Es verdad que del dirigente fallecido se pueden recordar también momentos de claudicación. En toda obra humana hay claroscuros difíciles de obviar, pero creo que el expresidente extremeño, por encima de todo, fue un buen hombre que quería a España y se identificaba claramente con los valores constitucionales. Cuando Pedro se negó a abstenerse en la investidura de Rajoy, Vara advirtió que el hoy Sumo Líder se iba a cargar el partido; resultado: tuvo que salir escondido en el maletero de un coche, porque lo quisieron apedrear en Ferraz. Ese fue un gesto de dignidad que anticipaba que el PSOE moriría, y con él nuestro país. El día en que sus compañeros, a cambio de una nómina pública, votaron la ley de amnistía, ese botón verde acabó con las viejas siglas que tanto amaba Guillermo (de las que hoy solo queda la P de partido, en toda la extensión de la palabra), el cabal socialista que sostenía que un extremeño no es más que nadie, pero tampoco menos que un catalán.

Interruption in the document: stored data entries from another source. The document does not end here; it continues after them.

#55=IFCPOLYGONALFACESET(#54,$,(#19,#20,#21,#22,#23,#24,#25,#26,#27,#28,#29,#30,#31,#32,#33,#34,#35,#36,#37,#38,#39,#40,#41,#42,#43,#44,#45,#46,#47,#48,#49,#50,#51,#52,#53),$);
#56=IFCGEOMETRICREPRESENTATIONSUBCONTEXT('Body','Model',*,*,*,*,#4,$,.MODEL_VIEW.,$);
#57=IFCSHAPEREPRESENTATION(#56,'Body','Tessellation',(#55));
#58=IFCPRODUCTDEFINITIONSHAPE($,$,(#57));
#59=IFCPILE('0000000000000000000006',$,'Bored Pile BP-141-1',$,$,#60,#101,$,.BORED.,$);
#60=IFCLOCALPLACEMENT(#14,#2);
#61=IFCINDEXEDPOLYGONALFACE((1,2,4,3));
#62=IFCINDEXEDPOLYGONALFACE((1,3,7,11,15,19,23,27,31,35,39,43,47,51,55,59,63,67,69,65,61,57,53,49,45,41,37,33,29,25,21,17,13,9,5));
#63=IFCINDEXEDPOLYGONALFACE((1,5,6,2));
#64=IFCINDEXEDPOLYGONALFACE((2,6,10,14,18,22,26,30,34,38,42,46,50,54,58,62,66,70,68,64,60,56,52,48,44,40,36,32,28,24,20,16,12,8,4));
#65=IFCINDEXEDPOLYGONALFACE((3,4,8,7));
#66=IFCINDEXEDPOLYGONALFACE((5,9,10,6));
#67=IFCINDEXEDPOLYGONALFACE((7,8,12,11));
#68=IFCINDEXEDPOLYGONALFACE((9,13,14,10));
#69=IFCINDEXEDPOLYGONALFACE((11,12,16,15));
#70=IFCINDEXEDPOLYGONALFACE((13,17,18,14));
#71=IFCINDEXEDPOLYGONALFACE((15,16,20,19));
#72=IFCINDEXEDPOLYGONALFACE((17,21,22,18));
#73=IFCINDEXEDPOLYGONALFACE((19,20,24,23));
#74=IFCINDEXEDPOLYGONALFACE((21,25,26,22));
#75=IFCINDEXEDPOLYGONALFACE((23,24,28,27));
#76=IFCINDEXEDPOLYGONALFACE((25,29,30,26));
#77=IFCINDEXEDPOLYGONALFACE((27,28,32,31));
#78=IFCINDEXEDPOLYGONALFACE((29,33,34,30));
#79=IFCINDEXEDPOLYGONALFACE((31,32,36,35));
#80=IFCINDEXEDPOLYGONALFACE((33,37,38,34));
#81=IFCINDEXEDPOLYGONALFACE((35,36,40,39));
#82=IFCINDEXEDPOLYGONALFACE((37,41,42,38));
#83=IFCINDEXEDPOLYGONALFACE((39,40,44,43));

Acaso en el deterioro de la salud de Vara se esconda la mejor metáfora de la metástasis terminal que devora a una izquierda pronacionalista, vendida a unos xenófobos por el pacto fáustico de un enfermo de ambición. El barón extremeño todavía añoraba la España de las autonomías diseñada en 1978 y calcinada por la intolerancia a la frustración de un hombre. Que Vara callara en sus últimos años frente a las tropelías que fue acumulando Sánchez le costó no revalidar su puesto en 2023. Esa campaña electoral ya la protagonizó con la enfermedad enroscada a su cuerpo, y seguramente no ayudó la desazón por un tiempo oscuro y cainita.
Fue un hombre de consenso; de sonrisa rápida; de corteses formas. De bonhomía frente al adversario político. Eran adversarios no enemigos, decía. Más allá de sus contradicciones, de los vaivenes a los que obligaba un partido arrasado por un autócrata que dinamitó los matices y las disidencias, Fernández Vara entendió la política con la frialdad precisa de un cirujano, pero con el apasionamiento de un abnegado servidor público. A la prensa la respetó. Y a los jueces. Y a los contrincantes. Compárenlo con el partido que dice hoy llorarle.

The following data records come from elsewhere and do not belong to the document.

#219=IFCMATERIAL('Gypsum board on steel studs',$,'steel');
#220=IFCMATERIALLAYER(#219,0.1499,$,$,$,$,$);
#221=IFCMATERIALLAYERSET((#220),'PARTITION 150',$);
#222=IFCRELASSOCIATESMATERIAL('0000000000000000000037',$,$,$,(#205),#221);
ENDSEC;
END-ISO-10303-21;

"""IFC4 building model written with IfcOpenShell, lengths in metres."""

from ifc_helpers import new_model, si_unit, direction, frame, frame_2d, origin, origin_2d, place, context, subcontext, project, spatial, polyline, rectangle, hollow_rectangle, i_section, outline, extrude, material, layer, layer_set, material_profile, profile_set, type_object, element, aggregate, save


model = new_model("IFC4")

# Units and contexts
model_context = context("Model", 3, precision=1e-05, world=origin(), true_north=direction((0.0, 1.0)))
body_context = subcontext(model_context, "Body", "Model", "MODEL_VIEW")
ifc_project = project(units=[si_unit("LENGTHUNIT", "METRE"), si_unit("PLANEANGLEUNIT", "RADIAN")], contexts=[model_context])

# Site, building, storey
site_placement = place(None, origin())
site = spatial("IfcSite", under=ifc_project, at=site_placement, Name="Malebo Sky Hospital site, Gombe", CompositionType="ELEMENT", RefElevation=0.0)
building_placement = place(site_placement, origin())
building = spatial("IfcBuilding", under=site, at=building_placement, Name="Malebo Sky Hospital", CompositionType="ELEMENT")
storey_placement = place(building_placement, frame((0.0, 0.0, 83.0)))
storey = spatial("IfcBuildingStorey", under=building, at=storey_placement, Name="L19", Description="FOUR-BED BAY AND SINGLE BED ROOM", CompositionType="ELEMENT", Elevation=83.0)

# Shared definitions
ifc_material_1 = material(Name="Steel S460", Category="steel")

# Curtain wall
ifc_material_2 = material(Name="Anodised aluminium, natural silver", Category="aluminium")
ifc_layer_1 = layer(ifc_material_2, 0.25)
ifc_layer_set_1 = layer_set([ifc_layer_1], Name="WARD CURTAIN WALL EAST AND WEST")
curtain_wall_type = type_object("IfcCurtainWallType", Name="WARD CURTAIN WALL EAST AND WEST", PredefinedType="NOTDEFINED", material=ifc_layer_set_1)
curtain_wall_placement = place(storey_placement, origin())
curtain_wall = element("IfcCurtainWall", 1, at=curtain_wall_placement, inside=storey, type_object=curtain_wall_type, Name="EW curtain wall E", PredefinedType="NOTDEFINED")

Sánchez dinamitó todo, incluso la estrecha relación de Vara con Ibarra, amistad que, no obstante, sobrevivió a su manera. Destruyó hasta ese nexo de honradez de dos presidentes autonómicos. Un día de 2008 uno salvó al otro, cuando se reunían en el Senado para hablar del futuro de las autonomías. De todas. Qué tiempos. Ahora el Senado tiene su sede en Suiza y solo se habla de cómo esquilmar lo que es de todos para engordar la faldriquera de unos pocos. No era un impresentable ni un petardo (sépanlo los señores Sánchez y Ábalos ahora que corren a colgar tuits de despedida). Era un político que renunció a atacar a media España y a demoler las instituciones. No ha sido poco. Descanse en paz el doctor, y a ratos político, Fernández Vara.